At this moment Mahatma Gandhi came forward with his scheme of the passive resistance movement now generally styled, Non-Co-operation as the only means of rectifying the Punjab and Khilafat Wrongs. On the 4th of September 1920 at the Special Session of the Indian National Congress at Calcutta, which was presided over by Lala Lajpat Rai, the Non-Co-operation resolution of Mahatma Gandhi was adopted by an overwhelming majority. It laid down the following steps to prepare the country for non-violent Non-Co-operation:
(a) National Education.
(b) Boycott of Law Courts.
(c) Boycott of Foreign Goods.
(d) Call for Self-Sacrifice.
(e) Organisation of the Indian National Service.
(f) The Swadeshi Vow.
(g) Tilak Memorial Swarajya Fund.
At the Special Session of the Congress held at Calcutta Chitta Ranjan was not in favour of withdrawing students from schools and colleges and boycotting Law-courts. But at Nagpur a prolonged discussion with Mahatma Gandhi about the details of the Non-Co-operation movement convinced him of the necessity for adopting the whole programme and at the session of the Nagpur Congress Chitta Ranjan himself moved the Non-Co-operation Resolution. Some of the delegates who did not know Chitta Ranjan well doubted his sincerity, but when he told them bluntly that in his whole life he had never failed to practise what he preached, the non-believers were silenced. In course of the speech he said:—
"I ask you to remember, that when I say anything, I mean it, and in my life on public questions, I have never said anything which I do not believe in."
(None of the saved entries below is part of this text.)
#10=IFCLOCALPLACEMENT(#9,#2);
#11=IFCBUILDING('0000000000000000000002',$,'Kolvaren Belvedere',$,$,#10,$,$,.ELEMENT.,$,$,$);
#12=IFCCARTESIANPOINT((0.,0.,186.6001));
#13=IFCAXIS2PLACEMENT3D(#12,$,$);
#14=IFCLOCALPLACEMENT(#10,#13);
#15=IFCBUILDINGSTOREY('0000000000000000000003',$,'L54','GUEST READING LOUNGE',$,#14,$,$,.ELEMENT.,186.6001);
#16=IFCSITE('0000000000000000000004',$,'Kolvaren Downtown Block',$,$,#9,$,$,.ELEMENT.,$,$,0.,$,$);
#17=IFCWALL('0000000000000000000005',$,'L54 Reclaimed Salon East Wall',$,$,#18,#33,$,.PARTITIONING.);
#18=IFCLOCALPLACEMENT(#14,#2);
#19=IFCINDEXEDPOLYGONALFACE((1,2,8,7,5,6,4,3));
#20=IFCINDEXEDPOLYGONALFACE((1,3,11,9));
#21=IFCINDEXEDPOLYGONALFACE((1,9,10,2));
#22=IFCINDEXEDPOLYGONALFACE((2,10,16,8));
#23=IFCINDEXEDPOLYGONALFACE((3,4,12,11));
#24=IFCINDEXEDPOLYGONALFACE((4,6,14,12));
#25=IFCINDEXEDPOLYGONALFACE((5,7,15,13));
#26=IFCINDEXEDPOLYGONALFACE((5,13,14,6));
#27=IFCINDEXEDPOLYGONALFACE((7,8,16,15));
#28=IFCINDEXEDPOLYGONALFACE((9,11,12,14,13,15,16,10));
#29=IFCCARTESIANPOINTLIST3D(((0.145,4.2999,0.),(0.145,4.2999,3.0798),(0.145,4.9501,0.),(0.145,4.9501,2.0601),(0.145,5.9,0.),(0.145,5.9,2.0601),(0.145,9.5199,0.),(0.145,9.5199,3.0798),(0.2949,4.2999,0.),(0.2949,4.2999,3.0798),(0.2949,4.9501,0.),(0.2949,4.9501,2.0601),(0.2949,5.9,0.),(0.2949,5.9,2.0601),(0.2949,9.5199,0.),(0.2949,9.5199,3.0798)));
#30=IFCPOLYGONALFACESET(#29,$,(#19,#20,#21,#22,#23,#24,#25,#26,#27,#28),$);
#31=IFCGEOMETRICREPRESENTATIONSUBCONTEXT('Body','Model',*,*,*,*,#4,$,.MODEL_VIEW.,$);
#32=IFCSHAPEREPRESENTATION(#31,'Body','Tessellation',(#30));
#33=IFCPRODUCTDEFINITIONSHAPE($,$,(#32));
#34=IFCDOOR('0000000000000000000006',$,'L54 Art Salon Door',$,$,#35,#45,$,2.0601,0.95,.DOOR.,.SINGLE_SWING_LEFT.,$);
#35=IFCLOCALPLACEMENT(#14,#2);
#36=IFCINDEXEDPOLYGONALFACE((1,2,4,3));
Chitta Ranjan came back to Calcutta, gave up his unrivalled practice at the call of his mother-country and devoted all his time and energy to the attainment of Swaraj by the peaceful method of non-violent Non-co-operation. The only thought which was uppermost in his mind when he gave up his practice was his solicitude for his poor countrymen. Some time after this one of his friends once asked him what would be the fate of his enormous charities. Chitta Ranjan kept quiet for a while and then replied with a deep sigh:—"What shall I do? A greater call of duty has reached me, I must respond to it. Those whom I have helped so long will be helped now by God Himself."
About two years ago when Chitta Ranjan was engaged in the Dumraon Raj case an ascetic once said to him:—"My child, this life of worldly enjoyment you shall have to renounce very soon." None could at that time have any faith in that prophecy. Who could have ever dreamt that the time was so near? Mysterious indeed are the ways of God which the limited intelligence of man fails to fathom.
Chitta Ranjan's sacrifice in the Non-co-operation movement has elicited admiration even from high-souled Englishmen. Sir Michael Sadler, the late President of the Calcutta University Commission wrote in the London Times:—"Chitta Ranjan's wonderful sacrifice is unparalleled in the history of the world. Indians would do well to follow him."